The pattern: last-click rewards whoever shows up last, and the channels that show up last are the cheap, low-funnel ones. Optimize against that signal long enough and you starve the top of the funnel that made it look good.

Linear, Position-Based, Time-Decay: The Multi-Touch Menu

Multi-touch is not one model — it is a family, and each member encodes a different belief:

  • Linear splits credit equally across all clicks. Belief: every touch mattered the same. Simple and neutral, but it flatters filler touches — five mediocre retargeting clicks dilute the one ad that did the work.
  • Position-based (often 40/20/40) overweights the first and last clicks and shares the rest with the middle. Belief: starting the journey and closing it are the two hard jobs. A reasonable default for discovery-plus-capture channel mixes.
  • Time-decay gives more weight the closer a click sits to the purchase, usually with a half-life (a click 7 days out is worth half a click on purchase day). Belief: recency signals influence. The gentlest step away from last-click — it still favors closers, just not exclusively.

None of these is "the accurate one." Each is a defensible assumption made explicit.
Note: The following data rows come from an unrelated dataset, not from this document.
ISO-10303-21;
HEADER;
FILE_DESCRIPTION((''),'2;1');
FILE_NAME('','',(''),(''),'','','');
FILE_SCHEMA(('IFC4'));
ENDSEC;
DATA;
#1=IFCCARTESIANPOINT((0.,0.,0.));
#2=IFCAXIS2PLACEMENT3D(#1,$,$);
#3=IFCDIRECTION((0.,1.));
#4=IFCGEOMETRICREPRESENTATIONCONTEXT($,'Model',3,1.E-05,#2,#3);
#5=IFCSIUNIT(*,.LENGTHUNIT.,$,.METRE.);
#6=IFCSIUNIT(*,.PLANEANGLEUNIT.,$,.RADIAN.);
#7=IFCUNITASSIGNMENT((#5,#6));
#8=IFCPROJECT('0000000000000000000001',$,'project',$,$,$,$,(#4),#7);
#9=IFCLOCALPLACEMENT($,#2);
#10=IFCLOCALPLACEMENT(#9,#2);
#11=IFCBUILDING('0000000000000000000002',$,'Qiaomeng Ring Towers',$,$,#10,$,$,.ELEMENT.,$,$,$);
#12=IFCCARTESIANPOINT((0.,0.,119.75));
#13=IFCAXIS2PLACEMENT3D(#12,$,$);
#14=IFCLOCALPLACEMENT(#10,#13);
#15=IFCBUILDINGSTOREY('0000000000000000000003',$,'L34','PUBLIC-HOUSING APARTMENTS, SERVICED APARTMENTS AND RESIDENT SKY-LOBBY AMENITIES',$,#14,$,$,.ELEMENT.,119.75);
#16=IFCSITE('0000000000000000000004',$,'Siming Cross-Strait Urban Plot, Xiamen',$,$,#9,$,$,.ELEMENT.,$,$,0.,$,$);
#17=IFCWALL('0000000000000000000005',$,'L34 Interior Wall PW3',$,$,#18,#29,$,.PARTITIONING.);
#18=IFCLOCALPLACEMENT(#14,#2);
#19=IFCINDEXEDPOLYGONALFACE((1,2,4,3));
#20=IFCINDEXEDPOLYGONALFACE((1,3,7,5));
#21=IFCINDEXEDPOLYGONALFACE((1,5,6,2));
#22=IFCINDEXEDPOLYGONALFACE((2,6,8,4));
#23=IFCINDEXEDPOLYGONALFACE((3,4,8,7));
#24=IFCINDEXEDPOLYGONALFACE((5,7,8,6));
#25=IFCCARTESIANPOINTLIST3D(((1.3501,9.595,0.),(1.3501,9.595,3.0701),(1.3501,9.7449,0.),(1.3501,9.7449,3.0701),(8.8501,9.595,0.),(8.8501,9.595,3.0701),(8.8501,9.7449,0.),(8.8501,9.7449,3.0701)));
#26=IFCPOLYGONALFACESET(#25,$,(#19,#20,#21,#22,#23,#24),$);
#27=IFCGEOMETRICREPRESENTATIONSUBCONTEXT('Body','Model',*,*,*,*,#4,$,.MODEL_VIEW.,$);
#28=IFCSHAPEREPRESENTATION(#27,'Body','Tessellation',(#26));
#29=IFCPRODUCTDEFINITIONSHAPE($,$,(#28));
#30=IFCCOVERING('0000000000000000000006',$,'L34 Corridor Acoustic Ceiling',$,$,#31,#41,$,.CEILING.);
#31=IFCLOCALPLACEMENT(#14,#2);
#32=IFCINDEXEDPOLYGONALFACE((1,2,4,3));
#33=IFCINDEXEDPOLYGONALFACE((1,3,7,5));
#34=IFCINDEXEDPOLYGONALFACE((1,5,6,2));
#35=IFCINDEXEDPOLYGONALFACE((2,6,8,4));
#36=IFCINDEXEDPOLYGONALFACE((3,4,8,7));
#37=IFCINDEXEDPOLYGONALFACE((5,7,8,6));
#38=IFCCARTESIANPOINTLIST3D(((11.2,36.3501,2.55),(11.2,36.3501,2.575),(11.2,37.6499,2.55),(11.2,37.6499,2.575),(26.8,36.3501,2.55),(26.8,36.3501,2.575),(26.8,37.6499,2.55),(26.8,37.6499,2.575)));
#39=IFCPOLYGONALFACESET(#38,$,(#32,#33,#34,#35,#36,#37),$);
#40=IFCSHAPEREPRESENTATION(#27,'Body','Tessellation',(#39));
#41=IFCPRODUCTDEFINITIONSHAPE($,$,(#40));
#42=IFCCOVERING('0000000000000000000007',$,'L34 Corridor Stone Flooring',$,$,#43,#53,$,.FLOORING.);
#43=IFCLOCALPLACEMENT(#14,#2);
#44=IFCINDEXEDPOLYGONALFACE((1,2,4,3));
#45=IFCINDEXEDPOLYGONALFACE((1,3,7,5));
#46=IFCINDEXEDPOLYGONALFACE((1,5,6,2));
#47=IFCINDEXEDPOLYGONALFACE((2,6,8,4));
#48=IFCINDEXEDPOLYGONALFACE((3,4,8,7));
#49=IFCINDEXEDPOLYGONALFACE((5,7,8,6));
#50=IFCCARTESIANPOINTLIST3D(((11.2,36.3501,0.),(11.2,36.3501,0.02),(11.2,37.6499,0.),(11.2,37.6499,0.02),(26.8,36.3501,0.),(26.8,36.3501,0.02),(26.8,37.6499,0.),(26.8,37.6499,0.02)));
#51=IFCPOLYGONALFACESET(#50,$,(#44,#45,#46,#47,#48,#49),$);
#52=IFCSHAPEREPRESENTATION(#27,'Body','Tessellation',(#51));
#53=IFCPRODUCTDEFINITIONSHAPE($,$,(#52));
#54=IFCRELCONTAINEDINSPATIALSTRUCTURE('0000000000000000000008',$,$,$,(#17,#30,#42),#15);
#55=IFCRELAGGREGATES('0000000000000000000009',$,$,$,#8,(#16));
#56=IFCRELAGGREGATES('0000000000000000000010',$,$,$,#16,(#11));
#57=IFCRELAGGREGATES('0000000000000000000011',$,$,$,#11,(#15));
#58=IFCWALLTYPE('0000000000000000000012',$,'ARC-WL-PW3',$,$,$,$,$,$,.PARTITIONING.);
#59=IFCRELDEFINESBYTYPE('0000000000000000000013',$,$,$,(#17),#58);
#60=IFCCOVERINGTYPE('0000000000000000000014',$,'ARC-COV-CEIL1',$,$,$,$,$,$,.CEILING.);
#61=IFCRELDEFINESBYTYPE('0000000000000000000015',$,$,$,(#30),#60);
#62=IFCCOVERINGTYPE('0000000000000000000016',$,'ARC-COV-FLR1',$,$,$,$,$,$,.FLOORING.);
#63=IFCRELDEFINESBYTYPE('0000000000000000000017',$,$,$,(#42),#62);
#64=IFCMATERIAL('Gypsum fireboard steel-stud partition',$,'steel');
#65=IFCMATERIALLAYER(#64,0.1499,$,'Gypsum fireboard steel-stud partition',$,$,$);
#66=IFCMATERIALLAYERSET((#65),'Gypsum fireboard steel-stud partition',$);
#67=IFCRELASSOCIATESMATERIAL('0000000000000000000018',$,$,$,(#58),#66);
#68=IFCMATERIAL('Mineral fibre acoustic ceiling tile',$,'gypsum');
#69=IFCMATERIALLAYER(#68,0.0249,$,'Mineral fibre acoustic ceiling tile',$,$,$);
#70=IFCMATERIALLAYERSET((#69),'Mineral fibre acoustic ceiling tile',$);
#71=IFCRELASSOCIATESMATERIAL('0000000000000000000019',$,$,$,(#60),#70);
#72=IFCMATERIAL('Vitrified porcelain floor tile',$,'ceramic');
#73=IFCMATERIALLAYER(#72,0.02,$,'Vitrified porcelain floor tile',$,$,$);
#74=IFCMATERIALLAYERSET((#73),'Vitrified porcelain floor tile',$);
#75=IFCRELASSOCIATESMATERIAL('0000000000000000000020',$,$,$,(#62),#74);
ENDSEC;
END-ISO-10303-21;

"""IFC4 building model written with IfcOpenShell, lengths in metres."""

from ifc_helpers import new_model, si_unit, direction, frame, frame_2d, origin, place, context, subcontext, project, spatial, polyline, rectangle, outline, extrude, material, layer, layer_set, type_object, element, save


model = new_model("IFC4")

# Units and contexts
model_context = context("Model", 3, precision=1e-05, world=origin(), true_north=direction((0.0, 1.0)))
body_context = subcontext(model_context, "Body", "Model", "MODEL_VIEW")
ifc_project = project(units=[si_unit("LENGTHUNIT", "METRE"), si_unit("PLANEANGLEUNIT", "RADIAN")], contexts=[model_context])

# Site, building, storey
site_placement = place(None, origin())
site = spatial("IfcSite", under=ifc_project, at=site_placement, Name="Siming Cross-Strait Urban Plot, Xiamen", CompositionType="ELEMENT", RefElevation=0.0)
building_placement = place(site_placement, origin())
building = spatial("IfcBuilding", under=site, at=building_placement, Name="Qiaomeng Ring Towers", CompositionType="ELEMENT")
storey_placement = place(building_placement, frame((0.0, 0.0, 119.75)))
storey = spatial("IfcBuildingStorey", under=building, at=storey_placement, Name="L34", Description="PUBLIC-HOUSING APARTMENTS, SERVICED APARTMENTS AND RESIDENT SKY-LOBBY AMENITIES", CompositionType="ELEMENT", Elevation=119.75)

# Wall
ifc_material_1 = material(Name="Gypsum fireboard steel-stud partition", Category="steel")
ifc_layer_1 = layer(ifc_material_1, 0.1499, Name="Gypsum fireboard steel-stud partition")
ifc_layer_set_1 = layer_set([ifc_layer_1], Name="Gypsum fireboard steel-stud partition")
wall_type_1 = type_object("IfcWallType", Name="ARC-WL-PW3", PredefinedType="PARTITIONING", material=ifc_layer_set_1)
wall_1_placement = place(storey_placement, frame((1.3501, 9.6699, 0.0), z_axis=(0.0, 0.0, 1.0), x_axis=(1.0, 0.0, 0.0)))
element("IfcWall", 1, at=wall_1_placement, inside=storey, type_object=wall_type_1, Name="L34 Interior Wall PW3", PredefinedType="PARTITIONING", context=body_context, shape_type="SweptSolid", body=[
    extrude(rectangle(XDim=7.5, YDim=0.1499, at=frame_2d((3.75, 0.0))), origin(), (0.0, 0.0, 1.0), 3.0701),
])

# Coverings
ifc_material_2 = material(Name="Mineral fibre acoustic ceiling tile", Category="gypsum")
ifc_layer_2 = layer(ifc_material_2, 0.0249, Name="Mineral fibre acoustic ceiling tile")
ifc_layer_set_2 = layer_set([ifc_layer_2], Name="Mineral fibre acoustic ceiling tile")
covering_type_1 = type_object("IfcCoveringType", Name="ARC-COV-CEIL1", PredefinedType="CEILING", material=ifc_layer_set_2)
covering_1_placement = place(storey_placement, frame((0.0, 0.0, 2.55)))
element("IfcCovering", 2, at=covering_1_placement, inside=storey, type_object=covering_type_1, Name="L34 Corridor Acoustic Ceiling", PredefinedType="CEILING", context=body_context, shape_type="SweptSolid", body=[
    extrude(outline(polyline([(11.2, 36.3501), (11.2, 37.6499), (26.8, 37.6499), (26.8, 36.3501), (11.2, 36.3501)])), origin(), (0.0, 0.0, 1.0), 0.0249),
])
ifc_material_3 = material(Name="Vitrified porcelain floor tile", Category="ceramic")
ifc_layer_3 = layer(ifc_material_3, 0.02, Name="Vitrified porcelain floor tile")
ifc_layer_set_3 = layer_set([ifc_layer_3], Name="Vitrified porcelain floor tile")
covering_type_2 = type_object("IfcCoveringType", Name="ARC-COV-FLR1", PredefinedType="FLOORING", material=ifc_layer_set_3)
covering_2_placement = place(storey_placement, origin())
element("IfcCovering", 3, at=covering_2_placement, inside=storey, type_object=covering_type_2, Name="L34 Corridor Stone Flooring", PredefinedType="FLOORING", context=body_context, shape_type="SweptSolid", body=[
    extrude(outline(polyline([(11.2, 36.3501), (11.2, 37.6499), (26.8, 37.6499), (26.8, 36.3501), (11.2, 36.3501)])), origin(), (0.0, 0.0, 1.0), 0.02),
])

save(model, "model.ifc")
That framing matters, because it leads to the real requirement.

The Model Must Be Inspectable — Never a Black Box

Platform dashboards increasingly report "data-driven attribution": a proprietary model whose weights you cannot see, applied by the same party selling you the ads (Google's attribution models, Meta's attribution settings). Whatever its statistical merits, you cannot audit it, you cannot recompute last quarter under it, and when its numbers move you cannot tell whether your marketing changed or the model did.
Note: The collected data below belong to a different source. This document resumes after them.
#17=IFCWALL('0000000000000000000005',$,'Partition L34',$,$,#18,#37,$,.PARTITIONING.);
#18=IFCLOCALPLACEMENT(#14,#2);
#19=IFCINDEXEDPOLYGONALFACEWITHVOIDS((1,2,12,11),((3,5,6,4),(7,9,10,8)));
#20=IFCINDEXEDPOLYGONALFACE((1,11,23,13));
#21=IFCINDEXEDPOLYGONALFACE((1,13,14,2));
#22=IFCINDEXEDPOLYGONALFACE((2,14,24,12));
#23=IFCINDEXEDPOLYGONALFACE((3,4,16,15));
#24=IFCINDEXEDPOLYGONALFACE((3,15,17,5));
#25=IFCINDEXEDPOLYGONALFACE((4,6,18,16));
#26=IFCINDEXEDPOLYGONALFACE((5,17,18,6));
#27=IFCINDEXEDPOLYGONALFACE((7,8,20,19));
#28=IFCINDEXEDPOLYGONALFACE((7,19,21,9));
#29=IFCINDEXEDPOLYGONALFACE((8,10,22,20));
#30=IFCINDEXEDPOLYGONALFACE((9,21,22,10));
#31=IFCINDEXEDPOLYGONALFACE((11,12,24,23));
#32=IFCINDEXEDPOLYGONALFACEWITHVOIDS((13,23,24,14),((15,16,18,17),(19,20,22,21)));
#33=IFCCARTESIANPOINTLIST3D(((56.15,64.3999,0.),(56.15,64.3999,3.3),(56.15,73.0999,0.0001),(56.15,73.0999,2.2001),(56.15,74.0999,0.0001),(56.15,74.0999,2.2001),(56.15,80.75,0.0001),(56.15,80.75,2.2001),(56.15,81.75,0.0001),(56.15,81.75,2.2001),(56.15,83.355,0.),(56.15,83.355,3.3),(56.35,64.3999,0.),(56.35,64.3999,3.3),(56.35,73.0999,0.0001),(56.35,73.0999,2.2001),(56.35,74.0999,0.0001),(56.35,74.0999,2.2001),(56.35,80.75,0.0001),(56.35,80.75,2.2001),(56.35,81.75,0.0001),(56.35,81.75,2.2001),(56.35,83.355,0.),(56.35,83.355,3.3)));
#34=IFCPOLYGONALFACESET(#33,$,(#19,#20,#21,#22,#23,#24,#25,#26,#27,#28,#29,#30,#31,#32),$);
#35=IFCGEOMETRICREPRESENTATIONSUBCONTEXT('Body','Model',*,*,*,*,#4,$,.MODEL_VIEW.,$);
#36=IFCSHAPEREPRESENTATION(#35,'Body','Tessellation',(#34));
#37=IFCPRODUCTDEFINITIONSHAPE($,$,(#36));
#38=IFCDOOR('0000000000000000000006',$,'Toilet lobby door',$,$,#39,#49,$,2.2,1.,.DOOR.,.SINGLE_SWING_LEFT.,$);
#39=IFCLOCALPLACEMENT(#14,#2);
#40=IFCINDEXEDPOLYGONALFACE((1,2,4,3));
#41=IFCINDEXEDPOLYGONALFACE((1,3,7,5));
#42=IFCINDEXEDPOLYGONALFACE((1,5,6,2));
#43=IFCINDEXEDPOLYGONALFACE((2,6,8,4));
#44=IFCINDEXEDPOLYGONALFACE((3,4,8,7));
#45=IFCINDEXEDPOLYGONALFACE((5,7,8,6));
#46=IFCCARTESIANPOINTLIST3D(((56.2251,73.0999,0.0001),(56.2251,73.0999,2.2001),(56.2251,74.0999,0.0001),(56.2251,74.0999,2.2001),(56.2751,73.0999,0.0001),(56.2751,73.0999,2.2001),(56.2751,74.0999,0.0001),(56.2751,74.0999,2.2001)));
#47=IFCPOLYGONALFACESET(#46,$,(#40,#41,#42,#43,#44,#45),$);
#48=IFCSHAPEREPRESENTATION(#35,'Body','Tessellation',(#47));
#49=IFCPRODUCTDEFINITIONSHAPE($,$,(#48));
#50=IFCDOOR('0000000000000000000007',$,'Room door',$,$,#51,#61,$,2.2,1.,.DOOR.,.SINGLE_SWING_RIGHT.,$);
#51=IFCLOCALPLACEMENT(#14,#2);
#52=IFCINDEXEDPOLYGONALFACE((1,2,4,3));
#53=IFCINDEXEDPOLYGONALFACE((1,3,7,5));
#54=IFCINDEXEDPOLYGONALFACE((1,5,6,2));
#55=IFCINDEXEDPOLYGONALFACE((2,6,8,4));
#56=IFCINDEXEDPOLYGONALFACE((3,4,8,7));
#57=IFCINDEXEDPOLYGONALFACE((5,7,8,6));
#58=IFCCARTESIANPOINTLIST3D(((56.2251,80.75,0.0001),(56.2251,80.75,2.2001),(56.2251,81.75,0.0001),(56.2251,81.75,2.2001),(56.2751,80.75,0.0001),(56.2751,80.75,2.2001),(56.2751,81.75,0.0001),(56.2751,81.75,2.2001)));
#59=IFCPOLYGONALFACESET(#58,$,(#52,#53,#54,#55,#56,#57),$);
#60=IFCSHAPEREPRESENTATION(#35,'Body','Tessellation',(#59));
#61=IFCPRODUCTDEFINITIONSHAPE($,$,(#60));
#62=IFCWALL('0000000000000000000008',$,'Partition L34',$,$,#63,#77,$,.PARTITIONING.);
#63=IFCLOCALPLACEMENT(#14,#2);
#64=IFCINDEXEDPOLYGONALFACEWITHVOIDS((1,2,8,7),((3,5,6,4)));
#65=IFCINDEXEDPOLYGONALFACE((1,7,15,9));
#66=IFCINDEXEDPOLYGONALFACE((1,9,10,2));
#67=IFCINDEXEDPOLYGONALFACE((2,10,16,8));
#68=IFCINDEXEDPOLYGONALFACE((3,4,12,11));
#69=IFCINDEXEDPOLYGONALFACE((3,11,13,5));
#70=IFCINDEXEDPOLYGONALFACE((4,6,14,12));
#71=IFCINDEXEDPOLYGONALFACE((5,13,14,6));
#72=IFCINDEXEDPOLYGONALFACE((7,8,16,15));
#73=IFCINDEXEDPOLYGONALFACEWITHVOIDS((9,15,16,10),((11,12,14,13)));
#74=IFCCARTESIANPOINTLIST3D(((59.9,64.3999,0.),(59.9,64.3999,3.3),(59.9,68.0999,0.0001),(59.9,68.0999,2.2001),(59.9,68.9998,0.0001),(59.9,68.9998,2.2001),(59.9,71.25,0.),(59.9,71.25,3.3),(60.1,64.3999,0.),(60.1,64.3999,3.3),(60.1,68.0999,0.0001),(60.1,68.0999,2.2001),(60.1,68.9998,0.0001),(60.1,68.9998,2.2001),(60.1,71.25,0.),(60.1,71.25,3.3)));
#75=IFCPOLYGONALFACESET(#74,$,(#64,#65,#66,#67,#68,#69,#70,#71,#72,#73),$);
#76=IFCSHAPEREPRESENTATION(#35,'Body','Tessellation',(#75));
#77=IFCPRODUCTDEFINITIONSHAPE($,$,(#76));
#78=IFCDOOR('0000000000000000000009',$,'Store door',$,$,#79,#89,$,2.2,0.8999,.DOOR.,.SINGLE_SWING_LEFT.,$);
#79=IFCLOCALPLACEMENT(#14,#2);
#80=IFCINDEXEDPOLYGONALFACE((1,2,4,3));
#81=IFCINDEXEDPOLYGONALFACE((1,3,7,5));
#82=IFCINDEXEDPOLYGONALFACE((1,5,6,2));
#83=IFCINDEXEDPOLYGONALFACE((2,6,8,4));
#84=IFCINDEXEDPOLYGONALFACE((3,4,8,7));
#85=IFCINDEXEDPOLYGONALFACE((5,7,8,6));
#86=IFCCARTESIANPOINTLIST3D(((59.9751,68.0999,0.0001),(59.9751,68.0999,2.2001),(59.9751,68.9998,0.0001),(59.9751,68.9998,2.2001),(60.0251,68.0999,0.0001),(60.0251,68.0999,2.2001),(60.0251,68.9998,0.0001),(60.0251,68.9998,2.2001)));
Your own attribution should clear three bars:

  1. Inspectable. For any order, you can pull up the exact clicks that were matched to it and the weight each one received. Credit is evidence, not a score from an oracle.
  2. Reproducible. Same clicks plus same model version equals same answer, every time you run it. If the model evolves, old results are stamped with the version that produced them, so history does not silently rewrite itself.
  3. Comparable. You can run last-click and a multi-touch model over the same click log and diff them. The campaigns whose credit swings hardest between models are exactly the ones where the model choice is doing the deciding — look there first.

This is how the attribution layer in Decisa is built: every attributed conversion stores which click matched, under which model, at which model version — so a number on a dashboard can always be traced back to the clicks behind it.

How to Choose, Practically

  1. Measure your journey length first. What share of orders had more than one recorded click? If it is small, last-click is honest enough — stop here and enjoy the simplicity.
  2. If journeys are long and multi-channel, run two models in parallel — last-click and one multi-touch (position-based or time-decay) — over the same data.
  3. Act on the deltas, not the absolutes. A campaign at $0 under last-click but meaningful credit under multi-touch is your undercredited demand creator. Cut it last, not first.
  4. Write down the model and version you used next to any budget decision it informed. Future-you will need to know which rule produced the number.

The model you pick will shape where your budget goes. That is unavoidable. What is avoidable is not knowing which rule is doing the shaping — pick a model you can read, rerun, and argue with.